Inasmuch as we do not currently differentiate between GPU projects require OpenCL and those which do not, creating that kind of an identification process would be a useful enhancement In the meantime (temporarily) the best option is probably to fix the error message when there are zero choices for opencl-index and pause the slot promptly until a better solution can be found.

Here are the first two of 7 WUs which were dumped as FAILED before I stopped it. OpenCL missing.txt

bb30994 commented 6 years ago

Fundamentally, we need an enhancement to both FAHClient's hardware detection activities and the Assignment Server logic. If, like the example above, I have CUDA devices and no OpenCL devices, or, conversely I have OpenCL devices but no CUDA devices the AS logic needs to be smart enough to either give me a GPU assignment that my hardware can process or issue the message saying there are no assignments for this configuration and temporarily stop assigning WUs.

informatorius commented 5 years ago

I don't know if it is related but it looks like FAHclient tries to access libopencl.so to get opencl devices which is the developer sdk api. Instead FAHclient should use the opencl runtime to query devices. If a opencl driver is installed then you have an opencl runtime. Currently for FAHclient you also need to install the opencl developer api libopencl.so unnecessary. e.g. command clinfo works without libopencl.so

bb30994 commented 5 years ago

@informatorius In Windows7, clinfo does not exist.

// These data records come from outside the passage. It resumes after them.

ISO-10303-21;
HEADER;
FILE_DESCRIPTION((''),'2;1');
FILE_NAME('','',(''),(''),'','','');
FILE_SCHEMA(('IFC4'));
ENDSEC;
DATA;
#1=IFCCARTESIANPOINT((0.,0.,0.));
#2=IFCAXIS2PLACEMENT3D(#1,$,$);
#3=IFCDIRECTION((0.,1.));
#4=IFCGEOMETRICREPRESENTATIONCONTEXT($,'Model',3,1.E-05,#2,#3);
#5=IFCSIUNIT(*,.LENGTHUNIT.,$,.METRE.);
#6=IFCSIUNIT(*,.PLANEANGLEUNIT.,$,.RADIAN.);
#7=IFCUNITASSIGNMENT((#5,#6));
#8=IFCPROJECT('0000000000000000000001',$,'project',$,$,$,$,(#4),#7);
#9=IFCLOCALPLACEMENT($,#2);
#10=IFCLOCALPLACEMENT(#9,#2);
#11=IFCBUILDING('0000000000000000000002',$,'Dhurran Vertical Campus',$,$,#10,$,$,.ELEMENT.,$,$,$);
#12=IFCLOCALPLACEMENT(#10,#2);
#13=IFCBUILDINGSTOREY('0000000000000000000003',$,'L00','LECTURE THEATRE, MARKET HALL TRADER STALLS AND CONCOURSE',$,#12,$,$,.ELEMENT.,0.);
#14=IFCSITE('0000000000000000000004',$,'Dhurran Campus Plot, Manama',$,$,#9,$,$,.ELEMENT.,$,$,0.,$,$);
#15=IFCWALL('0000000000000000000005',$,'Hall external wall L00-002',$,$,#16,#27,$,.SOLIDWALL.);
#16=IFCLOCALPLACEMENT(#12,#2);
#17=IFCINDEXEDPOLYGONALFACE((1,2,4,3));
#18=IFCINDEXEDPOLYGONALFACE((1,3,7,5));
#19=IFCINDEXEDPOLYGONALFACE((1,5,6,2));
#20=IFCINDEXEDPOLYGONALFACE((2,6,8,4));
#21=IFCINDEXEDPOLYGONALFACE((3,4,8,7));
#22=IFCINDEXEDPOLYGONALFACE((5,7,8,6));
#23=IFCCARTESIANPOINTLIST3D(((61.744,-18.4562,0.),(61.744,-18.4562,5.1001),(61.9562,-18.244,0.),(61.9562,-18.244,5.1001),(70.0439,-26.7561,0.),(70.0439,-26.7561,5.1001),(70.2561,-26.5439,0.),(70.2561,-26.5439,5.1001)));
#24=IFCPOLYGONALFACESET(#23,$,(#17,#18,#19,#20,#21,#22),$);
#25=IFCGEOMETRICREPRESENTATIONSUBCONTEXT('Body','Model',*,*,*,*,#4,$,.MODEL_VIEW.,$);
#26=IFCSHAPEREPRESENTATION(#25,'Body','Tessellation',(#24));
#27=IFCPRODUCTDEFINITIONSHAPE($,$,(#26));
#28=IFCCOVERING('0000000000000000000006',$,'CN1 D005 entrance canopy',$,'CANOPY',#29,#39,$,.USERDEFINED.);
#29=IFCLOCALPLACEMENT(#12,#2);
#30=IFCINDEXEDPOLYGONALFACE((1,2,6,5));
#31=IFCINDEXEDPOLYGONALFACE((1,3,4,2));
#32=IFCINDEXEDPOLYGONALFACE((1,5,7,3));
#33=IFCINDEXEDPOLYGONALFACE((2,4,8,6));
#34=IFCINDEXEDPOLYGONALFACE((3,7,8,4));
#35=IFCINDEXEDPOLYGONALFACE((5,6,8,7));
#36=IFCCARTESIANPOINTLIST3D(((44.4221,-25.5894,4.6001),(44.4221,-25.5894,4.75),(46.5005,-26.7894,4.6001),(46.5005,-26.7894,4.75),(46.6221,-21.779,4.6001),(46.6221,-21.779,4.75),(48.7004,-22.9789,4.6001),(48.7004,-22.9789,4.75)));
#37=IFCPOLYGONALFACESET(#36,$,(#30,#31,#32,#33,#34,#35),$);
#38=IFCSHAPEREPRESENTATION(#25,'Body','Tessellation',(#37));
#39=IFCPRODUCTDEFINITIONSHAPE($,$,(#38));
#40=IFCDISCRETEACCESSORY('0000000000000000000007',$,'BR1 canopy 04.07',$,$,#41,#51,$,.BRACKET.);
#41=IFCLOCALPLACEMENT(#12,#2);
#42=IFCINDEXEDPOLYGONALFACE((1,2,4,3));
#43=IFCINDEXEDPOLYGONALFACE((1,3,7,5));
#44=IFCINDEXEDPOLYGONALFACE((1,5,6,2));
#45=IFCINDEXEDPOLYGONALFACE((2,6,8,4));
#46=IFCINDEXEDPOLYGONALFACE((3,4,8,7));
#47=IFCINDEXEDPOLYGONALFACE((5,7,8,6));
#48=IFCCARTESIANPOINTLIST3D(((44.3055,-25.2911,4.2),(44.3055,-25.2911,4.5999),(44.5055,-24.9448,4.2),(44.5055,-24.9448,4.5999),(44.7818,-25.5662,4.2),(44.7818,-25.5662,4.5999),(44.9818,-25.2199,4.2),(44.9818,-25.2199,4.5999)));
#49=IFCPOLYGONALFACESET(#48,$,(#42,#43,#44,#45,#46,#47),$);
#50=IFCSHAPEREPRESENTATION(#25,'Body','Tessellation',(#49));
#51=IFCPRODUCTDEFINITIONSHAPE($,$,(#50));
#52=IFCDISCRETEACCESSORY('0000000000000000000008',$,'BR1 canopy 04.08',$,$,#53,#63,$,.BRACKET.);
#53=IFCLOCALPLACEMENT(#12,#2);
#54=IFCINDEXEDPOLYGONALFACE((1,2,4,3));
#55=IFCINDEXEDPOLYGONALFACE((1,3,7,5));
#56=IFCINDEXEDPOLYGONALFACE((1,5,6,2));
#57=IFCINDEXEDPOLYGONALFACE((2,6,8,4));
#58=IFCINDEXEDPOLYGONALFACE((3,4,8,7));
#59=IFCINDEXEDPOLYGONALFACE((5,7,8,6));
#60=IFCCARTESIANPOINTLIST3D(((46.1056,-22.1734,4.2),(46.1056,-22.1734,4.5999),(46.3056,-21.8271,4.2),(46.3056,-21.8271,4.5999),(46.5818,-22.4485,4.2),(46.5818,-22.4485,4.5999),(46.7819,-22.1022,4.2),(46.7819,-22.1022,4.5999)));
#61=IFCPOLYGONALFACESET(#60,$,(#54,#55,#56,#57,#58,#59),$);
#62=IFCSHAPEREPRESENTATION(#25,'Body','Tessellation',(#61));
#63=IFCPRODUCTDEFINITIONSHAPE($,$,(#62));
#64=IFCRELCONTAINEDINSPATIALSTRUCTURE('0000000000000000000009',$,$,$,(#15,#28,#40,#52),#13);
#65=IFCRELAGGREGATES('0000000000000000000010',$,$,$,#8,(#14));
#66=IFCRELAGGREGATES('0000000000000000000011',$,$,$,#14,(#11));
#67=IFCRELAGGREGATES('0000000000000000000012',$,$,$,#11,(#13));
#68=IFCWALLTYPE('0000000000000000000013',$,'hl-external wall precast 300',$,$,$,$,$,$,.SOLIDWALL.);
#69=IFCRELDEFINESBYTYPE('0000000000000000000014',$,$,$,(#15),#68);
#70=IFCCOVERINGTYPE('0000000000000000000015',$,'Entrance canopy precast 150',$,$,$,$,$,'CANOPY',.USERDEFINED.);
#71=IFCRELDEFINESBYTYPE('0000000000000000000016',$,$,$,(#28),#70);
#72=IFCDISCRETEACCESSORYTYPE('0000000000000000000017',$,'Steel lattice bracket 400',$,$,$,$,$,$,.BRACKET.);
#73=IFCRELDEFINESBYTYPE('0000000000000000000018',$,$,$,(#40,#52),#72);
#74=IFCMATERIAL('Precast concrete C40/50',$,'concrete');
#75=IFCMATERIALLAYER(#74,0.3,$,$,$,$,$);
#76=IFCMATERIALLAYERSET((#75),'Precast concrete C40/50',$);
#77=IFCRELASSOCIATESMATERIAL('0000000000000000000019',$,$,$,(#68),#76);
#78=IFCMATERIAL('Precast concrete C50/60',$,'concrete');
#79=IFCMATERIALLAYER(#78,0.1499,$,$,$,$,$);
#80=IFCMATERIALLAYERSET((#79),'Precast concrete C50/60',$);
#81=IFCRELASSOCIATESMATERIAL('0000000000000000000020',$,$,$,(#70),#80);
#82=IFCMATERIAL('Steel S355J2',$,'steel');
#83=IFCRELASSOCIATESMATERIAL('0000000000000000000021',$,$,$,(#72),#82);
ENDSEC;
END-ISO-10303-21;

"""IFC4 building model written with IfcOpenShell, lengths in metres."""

from ifc_helpers import new_model, si_unit, direction, frame, frame_2d, origin, origin_2d, place, context, subcontext, project, spatial, rectangle, extrude, material, layer, layer_set, material_profile, profile_set, type_object, element, save


model = new_model("IFC4")

# Units and contexts
model_context = context("Model", 3, precision=1e-05, world=origin(), true_north=direction((0.0, 1.0)))
body_context = subcontext(model_context, "Body", "Model", "MODEL_VIEW")
ifc_project = project(units=[si_unit("LENGTHUNIT", "METRE"), si_unit("PLANEANGLEUNIT", "RADIAN")], contexts=[model_context])

# Site, building, storey
site_placement = place(None, origin())
site = spatial("IfcSite", under=ifc_project, at=site_placement, Name="Dhurran Campus Plot, Manama", CompositionType="ELEMENT", RefElevation=0.0)
building_placement = place(site_placement, origin())
building = spatial("IfcBuilding", under=site, at=building_placement, Name="Dhurran Vertical Campus", CompositionType="ELEMENT")
storey_placement = place(building_placement, origin())
storey = spatial("IfcBuildingStorey", under=building, at=storey_placement, Name="L00", Description="LECTURE THEATRE, MARKET HALL TRADER STALLS AND CONCOURSE", CompositionType="ELEMENT", Elevation=0.0)

# Wall
ifc_material_1 = material(Name="Precast concrete C40/50", Category="concrete")
ifc_layer_1 = layer(ifc_material_1, 0.3)
ifc_layer_set_1 = layer_set([ifc_layer_1], Name="Precast concrete C40/50")
wall_type_1 = type_object("IfcWallType", Name="hl-external wall precast 300", PredefinedType="SOLIDWALL", material=ifc_layer_set_1)
wall_1_placement = place(storey_placement, frame((61.8501, -18.3501, 0.0), z_axis=(0.0, 0.0, 1.0), x_axis=(0.707107, -0.707107, 0.0)))
element("IfcWall", 1, at=wall_1_placement, inside=storey, type_object=wall_type_1, Name="Hall external wall L00-002", PredefinedType="SOLIDWALL", context=body_context, shape_type="SweptSolid", body=[
    extrude(rectangle(XDim=11.7378, YDim=0.3, at=frame_2d((5.8689, 0.0))), origin(), (0.0, 0.0, 1.0), 5.1001),
])

# Covering
ifc_material_2 = material(Name="Precast concrete C50/60", Category="concrete")
ifc_layer_2 = layer(ifc_material_2, 0.1499)
ifc_layer_set_2 = layer_set([ifc_layer_2], Name="Precast concrete C50/60")
covering_type = type_object("IfcCoveringType", Name="Entrance canopy precast 150", ElementType="CANOPY", PredefinedType="USERDEFINED", material=ifc_layer_set_2)
covering_placement = place(storey_placement, frame((46.5613, -24.2842, 4.6001), z_axis=(0.0, 0.0, 1.0), x_axis=(0.5, 0.866025, 0.0)))
element("IfcCovering", 2, at=covering_placement, inside=storey, type_object=covering_type, Name="CN1 D005 entrance canopy", ObjectType="CANOPY", PredefinedType="USERDEFINED", context=body_context, shape_type="SweptSolid", body=[
    extrude(rectangle(XDim=4.3999, YDim=2.3999, at=origin_2d()), origin(), (0.0, 0.0, 1.0), 0.1499),
])

# Discrete accessories
ifc_material_3 = material(Name="Steel S355J2", Category="steel")
ifc_material_profile_1 = material_profile(ifc_material_3, rectangle(XDim=0.3999, YDim=0.3999, at=origin_2d()), Name="Steel lattice bracket 400")
ifc_profile_set_1 = profile_set([ifc_material_profile_1], Name="Steel S355J2")
discrete_accessory_type = type_object("IfcDiscreteAccessoryType", Name="Steel lattice bracket 400", PredefinedType="BRACKET", material=ifc_profile_set_1)
for number, where, z_axis, x_axis, name in (
    (3, (44.4055, -25.1179, 4.3999), (0.865912, -0.500196, 0.0), (0.500196, 0.865912, 0.0), "BR1 canopy 04.07"),
    (4, (46.2056, -22.0002, 4.3999), (0.865912, -0.500196, 0.0), (0.500196, 0.865912, 0.0), "BR1 canopy 04.08"),
):
    element("IfcDiscreteAccessory", number, at=place(storey_placement, frame(where, z_axis=z_axis, x_axis=x_axis)), inside=storey, type_object=discrete_accessory_type, Name=name, PredefinedType="BRACKET", context=body_context, shape_type="SweptSolid", body=[
        extrude(rectangle(XDim=0.3999, YDim=0.3999, at=origin_2d()), origin(), (0.0, 0.0, 1.0), 0.55),
    ])

save(model, "model.ifc")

C:\Users\bruce>clinfo : 'clinfo' is not recognized as an internal or external command, operable program or batch file.

Should the installation of FAH add something similar that can work on all platforms (Windows/Linux/MacOS) or are we unable to find something that will always work?

codeman101 commented 5 years ago

It's not just Windows I have the same problem on Linux. I have opencl-headers installed but I get the error. 04:09:32:ERROR:WU01:FS01:Failed to start core: OpenCL device matching slot 1 not found, try setting 'opencl-index' manually.

ffissore commented 4 years ago

I've worked around the issue of libOpenCL.so: cannot open shared object file: No such file or directory by running sudo ln -s /usr/lib/x86_64-linux-gnu/libOpenCL.so.1 /usr/lib/x86_64-linux-gnu/libOpenCL.so

crmason2 commented 4 years ago

@ffissore I tried the symbolic link trick but fahclient would seg fault on startup until I removed it. So that may only be an option on limited systems.

informatorius commented 4 years ago

Did you try that? sudo apt-get install ocl-icd-libopencl1 sudo apt-get install ocl-icd-opencl-dev

crmason2 commented 4 years ago

Not running a deb flavor so I don't have access to those packages. I did try installing ocl-icd-devel which added a libOpenCL.so link, but again gave a seg fault. I'm runing on an old video card that I had to fight to get the drivers to work for so most likely my configuration is just busted.

But the real issue is the same as the original. I keep getting work units that I can't process because I don't have OpenCL.

shorttack commented 4 years ago

Label: installer enhancement This is a well-known issue. The Linux FAH installer should install OpenCL. It's the one "apt get inatall" that keeps FAH from being "just an app" on Linux (Mint at least).

In Windows, an nVidia website download and install works reliably for me.

ffissore commented 4 years ago

@shorttack FYI on ubuntu, the package to install is ocl-icd-opencl-dev as suggested by @informatorius . It has created the same symlink I originally manually created (see comment)

codeman101 commented 4 years ago

For arch and arch based users this issue is resolved thanks to the arch wiki page on fah. When I followed that page as a guide all went well.